愚者空間

牛野小雪のサイトです。 小説の紹介や雑記を置いています。 あと短い話とか。

タグ:川端康成

funny dance4

 山桜は詩が入っている。というより途中から詩の注釈で小説を書いているような気がした。詩なんて去年までは全然詠んだことがなくて最初は手探りで書いていたけれど詩の原理 歌よみに与ふる書 はかなり啓蒙された。あとサラダ記念日 は教科書で習った短歌の既成概念を壊してくれて衝撃的だった(というか最初は短歌だと気付かなかった)。あと勝手に7×4という形のニューポエムを作って詩を書いた。短歌や俳句だけだと馬脚が現れるから、ある種のごまかしだ。でもちょっと間延びした感があるなとは思った。短歌のリズムが体に染み付いているからからもしれない。

 夏目先生の『吾輩は猫である』の中にも詩が割り込んでくる。その中に新体詩というのが出てくるのだが、短歌とも俳句とも、種田山頭火的な自由律とも違っていて(山頭火って日本詩の歴史では事件だったんじゃないか)、かなりぶっ飛んでいる。どういう経緯で生まれてきたのだろうと不思議だったのだが、この前ふと読んだ本に夏目先生が東大生の時にウォルトホイットマンの詩について論文を書いているというのを発見した。明治時代は西洋文化が流入していて、西洋詩の形態が日本詩にも吸収されていた頃だそうだ。つまり西洋詩≒新体詩ということ。なぜ=ではなくて≒なのかというと、冬来たりなば春遠からじ、という文言を使いたくて、元ネタは誰なんだろうと調べるとシェリーというイギリスの人が詠んだ詩だと分かった。
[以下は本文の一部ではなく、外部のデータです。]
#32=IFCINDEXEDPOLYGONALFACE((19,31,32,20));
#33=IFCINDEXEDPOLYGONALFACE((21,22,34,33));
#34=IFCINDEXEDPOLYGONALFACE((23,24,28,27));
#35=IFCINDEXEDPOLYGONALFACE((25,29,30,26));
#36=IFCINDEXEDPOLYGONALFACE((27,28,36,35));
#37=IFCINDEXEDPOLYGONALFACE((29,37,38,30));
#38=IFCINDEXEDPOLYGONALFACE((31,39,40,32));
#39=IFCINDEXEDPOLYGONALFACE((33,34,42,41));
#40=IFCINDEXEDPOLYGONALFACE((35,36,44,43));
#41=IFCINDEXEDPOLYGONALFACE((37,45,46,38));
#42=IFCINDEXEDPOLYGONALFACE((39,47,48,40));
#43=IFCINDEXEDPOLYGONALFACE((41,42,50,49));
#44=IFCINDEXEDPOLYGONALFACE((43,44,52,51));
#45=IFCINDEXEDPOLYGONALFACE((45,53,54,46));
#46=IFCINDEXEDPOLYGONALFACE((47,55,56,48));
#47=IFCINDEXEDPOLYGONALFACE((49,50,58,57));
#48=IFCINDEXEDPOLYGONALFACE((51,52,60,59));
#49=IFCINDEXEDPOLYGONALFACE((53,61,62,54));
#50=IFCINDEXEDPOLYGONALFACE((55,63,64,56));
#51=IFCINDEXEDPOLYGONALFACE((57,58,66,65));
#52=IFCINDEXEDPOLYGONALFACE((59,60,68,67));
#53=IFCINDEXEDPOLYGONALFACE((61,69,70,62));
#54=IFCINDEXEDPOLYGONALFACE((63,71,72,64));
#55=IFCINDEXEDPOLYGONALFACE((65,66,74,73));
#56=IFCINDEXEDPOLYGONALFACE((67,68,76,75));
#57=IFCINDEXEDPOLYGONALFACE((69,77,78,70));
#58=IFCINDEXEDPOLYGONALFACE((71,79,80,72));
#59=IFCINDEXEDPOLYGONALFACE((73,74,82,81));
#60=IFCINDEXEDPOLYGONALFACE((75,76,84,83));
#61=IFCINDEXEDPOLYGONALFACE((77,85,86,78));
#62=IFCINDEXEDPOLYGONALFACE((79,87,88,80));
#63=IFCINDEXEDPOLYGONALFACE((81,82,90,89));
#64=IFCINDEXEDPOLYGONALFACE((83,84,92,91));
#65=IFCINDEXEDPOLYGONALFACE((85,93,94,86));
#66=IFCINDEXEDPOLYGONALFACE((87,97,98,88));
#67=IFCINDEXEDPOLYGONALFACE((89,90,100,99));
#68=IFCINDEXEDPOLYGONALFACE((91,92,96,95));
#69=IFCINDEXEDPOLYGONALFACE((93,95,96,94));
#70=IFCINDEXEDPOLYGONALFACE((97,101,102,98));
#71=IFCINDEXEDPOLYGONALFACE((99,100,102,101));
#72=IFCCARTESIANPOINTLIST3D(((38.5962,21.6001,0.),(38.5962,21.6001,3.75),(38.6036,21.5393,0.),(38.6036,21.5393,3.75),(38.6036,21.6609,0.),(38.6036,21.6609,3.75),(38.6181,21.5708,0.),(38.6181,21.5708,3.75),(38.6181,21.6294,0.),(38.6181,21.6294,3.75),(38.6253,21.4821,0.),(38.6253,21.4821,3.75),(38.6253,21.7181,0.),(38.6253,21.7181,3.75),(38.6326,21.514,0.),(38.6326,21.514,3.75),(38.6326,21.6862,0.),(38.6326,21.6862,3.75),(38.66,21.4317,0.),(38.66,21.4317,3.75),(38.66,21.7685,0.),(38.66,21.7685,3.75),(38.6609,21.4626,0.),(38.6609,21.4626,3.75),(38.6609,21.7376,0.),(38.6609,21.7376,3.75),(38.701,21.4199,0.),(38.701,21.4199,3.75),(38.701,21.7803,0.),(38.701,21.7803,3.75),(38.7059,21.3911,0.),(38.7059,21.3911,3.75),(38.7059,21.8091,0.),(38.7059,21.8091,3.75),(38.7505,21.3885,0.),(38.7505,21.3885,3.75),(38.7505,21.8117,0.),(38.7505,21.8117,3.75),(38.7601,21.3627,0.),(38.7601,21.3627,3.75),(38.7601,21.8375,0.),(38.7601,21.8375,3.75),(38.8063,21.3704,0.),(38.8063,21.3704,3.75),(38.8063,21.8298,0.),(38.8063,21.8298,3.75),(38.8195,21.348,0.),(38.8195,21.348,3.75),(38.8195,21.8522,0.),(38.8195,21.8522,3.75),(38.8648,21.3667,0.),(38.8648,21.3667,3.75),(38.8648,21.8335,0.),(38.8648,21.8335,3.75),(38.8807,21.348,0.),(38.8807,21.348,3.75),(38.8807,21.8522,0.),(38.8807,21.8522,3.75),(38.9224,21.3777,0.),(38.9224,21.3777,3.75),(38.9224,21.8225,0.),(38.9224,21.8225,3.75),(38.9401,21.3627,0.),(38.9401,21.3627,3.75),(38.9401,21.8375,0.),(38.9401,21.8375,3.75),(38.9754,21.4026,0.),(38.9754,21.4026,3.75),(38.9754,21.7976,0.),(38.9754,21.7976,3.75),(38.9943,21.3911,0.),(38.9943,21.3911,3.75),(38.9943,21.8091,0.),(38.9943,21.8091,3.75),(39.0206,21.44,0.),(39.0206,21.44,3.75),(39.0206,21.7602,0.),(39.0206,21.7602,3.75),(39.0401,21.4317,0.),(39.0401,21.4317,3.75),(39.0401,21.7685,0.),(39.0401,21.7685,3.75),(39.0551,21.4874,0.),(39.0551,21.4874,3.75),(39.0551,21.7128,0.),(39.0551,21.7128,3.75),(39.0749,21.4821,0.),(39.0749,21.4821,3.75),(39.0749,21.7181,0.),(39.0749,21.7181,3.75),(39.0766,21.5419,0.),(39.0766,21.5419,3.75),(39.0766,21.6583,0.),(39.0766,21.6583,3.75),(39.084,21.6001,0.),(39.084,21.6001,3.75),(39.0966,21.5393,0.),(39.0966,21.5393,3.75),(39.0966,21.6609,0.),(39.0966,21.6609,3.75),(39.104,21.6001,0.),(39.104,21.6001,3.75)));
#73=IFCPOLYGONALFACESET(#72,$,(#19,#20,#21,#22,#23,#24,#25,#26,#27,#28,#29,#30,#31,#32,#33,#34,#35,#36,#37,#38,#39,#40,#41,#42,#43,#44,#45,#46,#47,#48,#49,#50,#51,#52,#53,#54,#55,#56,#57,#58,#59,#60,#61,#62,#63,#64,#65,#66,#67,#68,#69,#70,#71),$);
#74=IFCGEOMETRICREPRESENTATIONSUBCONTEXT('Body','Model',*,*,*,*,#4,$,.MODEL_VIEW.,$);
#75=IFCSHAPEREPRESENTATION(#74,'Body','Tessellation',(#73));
しかし件の春来たりなば~というのは原文とニュアンスが違うというのも発見したからだ。それにしても、冬来たりなば(7)春遠からじ(7)でちゃんと七音になっているのは訳者凄いと思った。韻もちゃんと踏んでいる。昔の人って本当に凄いな。新体詩までは手が出なかった。でもいいんだ。吾輩だって「東風君もあと十年したら、新体詩を捧げる非を悟るだろう」と言っていたし日本詩的にはたぶんセーフ。

????「先生御分りにならんのはごもっともで、十年前の詩界と今日の詩界とは見違えるほど発達しておりますから。この頃の詩は寝転んで読んだり、停車場で読んではとうてい分りようがないので、作った本人ですら質問を受けると返答に窮する事がよくあります。全くインスピレーションで書くので詩人はその他には何等の責任もないのです。註釈や訓義は学究のやる事で私共の方では頓と構いません。せんだっても私の友人で送籍と云う男が一夜という短篇をかきましたが、誰が読んでも朦朧として取り留とめがつかないので、当人に逢って篤と主意のあるところを糺して見たのですが、当人もそんな事は知らないよと云って取り合わないのです。全くその辺が詩人の特色かと思います」


 この前、口伝で小説は残らないが詩は残るということを書いた。それでふと川端康成の『雪国』の冒頭だけ読んでみた。《国境のトンネルを抜けると、そこは雪国であった。夜の底が白くなった。》とあり、詩的な文章だと思った。

 次に『山の音』の冒頭を開いてみると《尾形信吾は少し眉を寄せ、少し口を開けて、なにか考えている風だった。他人には、考えていると見えないかもしれぬ。悲しんでいるようにも見える。》と散文的だ。文庫本の解説には戦後文学の最高峰に位する名作小説だと書かれているが、結構最近まで私は知らなかった。それで読んでみると『山の音』が全然良かったので、どうしてこっちが雪国より有名ではないのだろうと不思議でならなかったのだが、冒頭の詩的さが足りないからではないかと思った。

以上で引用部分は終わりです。